Explore the enigmatic world of slime molds

_{|  Story by Meghan McMahon |}

_10/18/2024

Have you ever come across dog vomit in nature? How about scrambled eggs or tapioca slime? You may have without even realizing it because these are all examples of slime molds.

Slime molds are one of those things in nature that are just fascinating, and the more you know about them the more you want to know. The intrigue with slime molds starts with what they are — and aren’t. They aren’t a slime, and they aren’t a mold. They look like a fungus or maybe sometimes a lichen, but they aren’t either of those things either.

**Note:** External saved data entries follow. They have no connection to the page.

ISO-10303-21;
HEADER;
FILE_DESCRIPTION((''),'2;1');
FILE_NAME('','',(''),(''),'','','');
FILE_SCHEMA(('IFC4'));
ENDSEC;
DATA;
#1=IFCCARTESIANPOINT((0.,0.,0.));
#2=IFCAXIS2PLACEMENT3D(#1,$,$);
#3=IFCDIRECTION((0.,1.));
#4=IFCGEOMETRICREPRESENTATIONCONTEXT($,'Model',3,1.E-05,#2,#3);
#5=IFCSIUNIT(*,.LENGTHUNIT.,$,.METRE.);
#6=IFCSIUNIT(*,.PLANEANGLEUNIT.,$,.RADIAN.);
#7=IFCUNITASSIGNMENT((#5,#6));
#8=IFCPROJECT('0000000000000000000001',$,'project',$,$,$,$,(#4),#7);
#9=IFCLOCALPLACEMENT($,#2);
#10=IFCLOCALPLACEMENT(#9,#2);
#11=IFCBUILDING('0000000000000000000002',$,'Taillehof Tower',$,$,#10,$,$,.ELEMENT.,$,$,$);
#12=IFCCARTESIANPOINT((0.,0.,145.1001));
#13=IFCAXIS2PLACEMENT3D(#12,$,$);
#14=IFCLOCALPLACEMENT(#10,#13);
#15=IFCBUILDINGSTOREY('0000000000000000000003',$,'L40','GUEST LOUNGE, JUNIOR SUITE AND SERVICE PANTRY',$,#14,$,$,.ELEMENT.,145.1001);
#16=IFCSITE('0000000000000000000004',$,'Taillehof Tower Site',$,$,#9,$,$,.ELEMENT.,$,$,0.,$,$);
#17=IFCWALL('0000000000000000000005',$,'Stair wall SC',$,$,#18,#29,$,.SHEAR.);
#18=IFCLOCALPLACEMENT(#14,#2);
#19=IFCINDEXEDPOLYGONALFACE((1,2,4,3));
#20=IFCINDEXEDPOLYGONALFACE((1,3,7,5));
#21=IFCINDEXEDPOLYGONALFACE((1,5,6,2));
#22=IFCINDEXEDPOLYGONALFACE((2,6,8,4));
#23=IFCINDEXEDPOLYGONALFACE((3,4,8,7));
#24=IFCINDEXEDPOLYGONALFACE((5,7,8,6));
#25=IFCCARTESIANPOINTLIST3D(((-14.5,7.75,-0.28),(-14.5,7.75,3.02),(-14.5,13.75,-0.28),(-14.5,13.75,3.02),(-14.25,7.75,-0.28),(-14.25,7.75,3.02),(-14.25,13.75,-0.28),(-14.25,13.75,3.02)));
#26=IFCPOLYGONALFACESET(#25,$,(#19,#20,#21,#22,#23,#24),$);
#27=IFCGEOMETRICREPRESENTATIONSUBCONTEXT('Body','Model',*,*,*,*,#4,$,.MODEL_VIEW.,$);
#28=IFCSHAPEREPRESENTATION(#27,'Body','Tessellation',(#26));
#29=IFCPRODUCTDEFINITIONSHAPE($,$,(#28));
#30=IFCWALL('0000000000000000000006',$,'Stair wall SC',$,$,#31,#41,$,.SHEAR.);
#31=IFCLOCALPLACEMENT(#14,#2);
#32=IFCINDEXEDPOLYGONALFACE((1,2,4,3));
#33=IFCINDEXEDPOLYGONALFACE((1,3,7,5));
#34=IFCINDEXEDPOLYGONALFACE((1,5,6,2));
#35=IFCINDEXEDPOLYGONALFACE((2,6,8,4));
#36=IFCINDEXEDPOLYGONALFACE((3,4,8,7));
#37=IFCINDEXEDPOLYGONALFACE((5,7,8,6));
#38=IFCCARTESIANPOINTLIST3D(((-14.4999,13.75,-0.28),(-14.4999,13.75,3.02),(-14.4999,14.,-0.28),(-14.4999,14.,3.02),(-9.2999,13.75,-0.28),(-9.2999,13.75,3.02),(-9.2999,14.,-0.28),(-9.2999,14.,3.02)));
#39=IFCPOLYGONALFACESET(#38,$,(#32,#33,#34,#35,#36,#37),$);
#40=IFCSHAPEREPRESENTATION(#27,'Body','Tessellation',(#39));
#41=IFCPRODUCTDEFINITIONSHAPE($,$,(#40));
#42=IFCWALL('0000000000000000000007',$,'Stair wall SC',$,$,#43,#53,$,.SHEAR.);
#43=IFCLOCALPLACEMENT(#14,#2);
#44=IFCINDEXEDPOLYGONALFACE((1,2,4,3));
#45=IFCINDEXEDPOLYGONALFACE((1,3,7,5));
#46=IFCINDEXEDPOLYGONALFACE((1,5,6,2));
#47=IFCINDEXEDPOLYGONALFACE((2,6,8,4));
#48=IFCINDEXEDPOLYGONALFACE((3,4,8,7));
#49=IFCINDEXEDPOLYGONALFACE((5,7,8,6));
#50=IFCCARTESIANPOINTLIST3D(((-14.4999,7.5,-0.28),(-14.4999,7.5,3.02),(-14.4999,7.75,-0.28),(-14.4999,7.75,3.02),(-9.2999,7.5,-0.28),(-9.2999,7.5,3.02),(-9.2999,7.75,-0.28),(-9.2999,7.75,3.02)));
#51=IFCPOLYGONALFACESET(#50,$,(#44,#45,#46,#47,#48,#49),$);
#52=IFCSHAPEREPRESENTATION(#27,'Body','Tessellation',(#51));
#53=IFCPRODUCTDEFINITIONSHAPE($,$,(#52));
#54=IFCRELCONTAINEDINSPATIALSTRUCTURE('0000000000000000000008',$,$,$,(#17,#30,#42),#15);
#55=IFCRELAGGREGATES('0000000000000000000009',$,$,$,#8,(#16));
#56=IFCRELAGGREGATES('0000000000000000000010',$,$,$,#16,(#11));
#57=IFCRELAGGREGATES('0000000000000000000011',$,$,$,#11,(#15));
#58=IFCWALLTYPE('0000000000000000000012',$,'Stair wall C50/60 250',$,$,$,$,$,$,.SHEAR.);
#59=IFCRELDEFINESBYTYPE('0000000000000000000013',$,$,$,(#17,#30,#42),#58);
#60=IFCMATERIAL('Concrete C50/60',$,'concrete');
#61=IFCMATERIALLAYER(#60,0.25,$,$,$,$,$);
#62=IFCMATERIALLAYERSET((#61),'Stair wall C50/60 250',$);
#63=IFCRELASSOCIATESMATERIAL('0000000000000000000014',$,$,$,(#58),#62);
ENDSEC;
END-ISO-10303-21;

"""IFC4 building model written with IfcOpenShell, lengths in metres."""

from ifc_helpers import new_model, si_unit, direction, frame, frame_2d, origin, place, context, subcontext, project, spatial, rectangle, extrude, material, layer, layer_set, type_object, element, save


model = new_model("IFC4")

# Units and contexts
model_context = context("Model", 3, precision=1e-05, world=origin(), true_north=direction((0.0, 1.0)))
body_context = subcontext(model_context, "Body", "Model", "MODEL_VIEW")
ifc_project = project(units=[si_unit("LENGTHUNIT", "METRE"), si_unit("PLANEANGLEUNIT", "RADIAN")], contexts=[model_context])

# Site, building, storey
site_placement = place(None, origin())
site = spatial("IfcSite", under=ifc_project, at=site_placement, Name="Taillehof Tower Site", CompositionType="ELEMENT", RefElevation=0.0)
building_placement = place(site_placement, origin())
building = spatial("IfcBuilding", under=site, at=building_placement, Name="Taillehof Tower", CompositionType="ELEMENT")
storey_placement = place(building_placement, frame((0.0, 0.0, 145.1001)))
storey = spatial("IfcBuildingStorey", under=building, at=storey_placement, Name="L40", Description="GUEST LOUNGE, JUNIOR SUITE AND SERVICE PANTRY", CompositionType="ELEMENT", Elevation=145.1001)

# Walls
ifc_material_1 = material(Name="Concrete C50/60", Category="concrete")
ifc_layer_1 = layer(ifc_material_1, 0.25)
ifc_layer_set_1 = layer_set([ifc_layer_1], Name="Stair wall C50/60 250")
wall_type_1 = type_object("IfcWallType", Name="Stair wall C50/60 250", PredefinedType="SHEAR", material=ifc_layer_set_1)
wall_1_placement = place(storey_placement, frame((-14.375, 7.75, -0.28), z_axis=(0.0, 0.0, 1.0), x_axis=(0.0, 1.0, 0.0)))
element("IfcWall", 1, at=wall_1_placement, inside=storey, type_object=wall_type_1, Name="Stair wall SC", PredefinedType="SHEAR", context=body_context, shape_type="SweptSolid", body=[
    extrude(rectangle(XDim=6.0, YDim=0.25, at=frame_2d((3.0, 0.0))), origin(), (0.0, 0.0, 1.0), 3.3),
])
for number, where, z_axis, x_axis, name in (
    (2, (-14.5, 13.875, -0.28), (0.0, 0.0, 1.0), (1.0, 0.0, 0.0), "Stair wall SC"),
    (3, (-14.5, 7.625, -0.28), (0.0, 0.0, 1.0), (1.0, 0.0, 0.0), "Stair wall SC"),
):
    element("IfcWall", number, at=place(storey_placement, frame(where, z_axis=z_axis, x_axis=x_axis)), inside=storey, type_object=wall_type_1, Name=name, PredefinedType="SHEAR", context=body_context, shape_type="SweptSolid", body=[
        extrude(rectangle(XDim=5.2, YDim=0.25, at=frame_2d((2.6001, 0.0))), origin(), (0.0, 0.0, 1.0), 3.3),
    ])

save(model, "model.ifc")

What they are was so confounding to taxonomists, the scientists that classify organisms, that they didn’t quite know where to put them within the taxonomic structure. In the end, they were placed in the kingdom Protista, one of five kingdoms in the taxonomic structure, along with Animalia (animals), Plantae (plants), Fungi (mushrooms and fungi) and Monera (bacteria). The Protista kingdom is a bit of a catch-all for unrelated organisms that are eukaryotic (meaning they have an enclosed nucleus) and don’t belong in any of the other kingdoms, according to the National Park Service.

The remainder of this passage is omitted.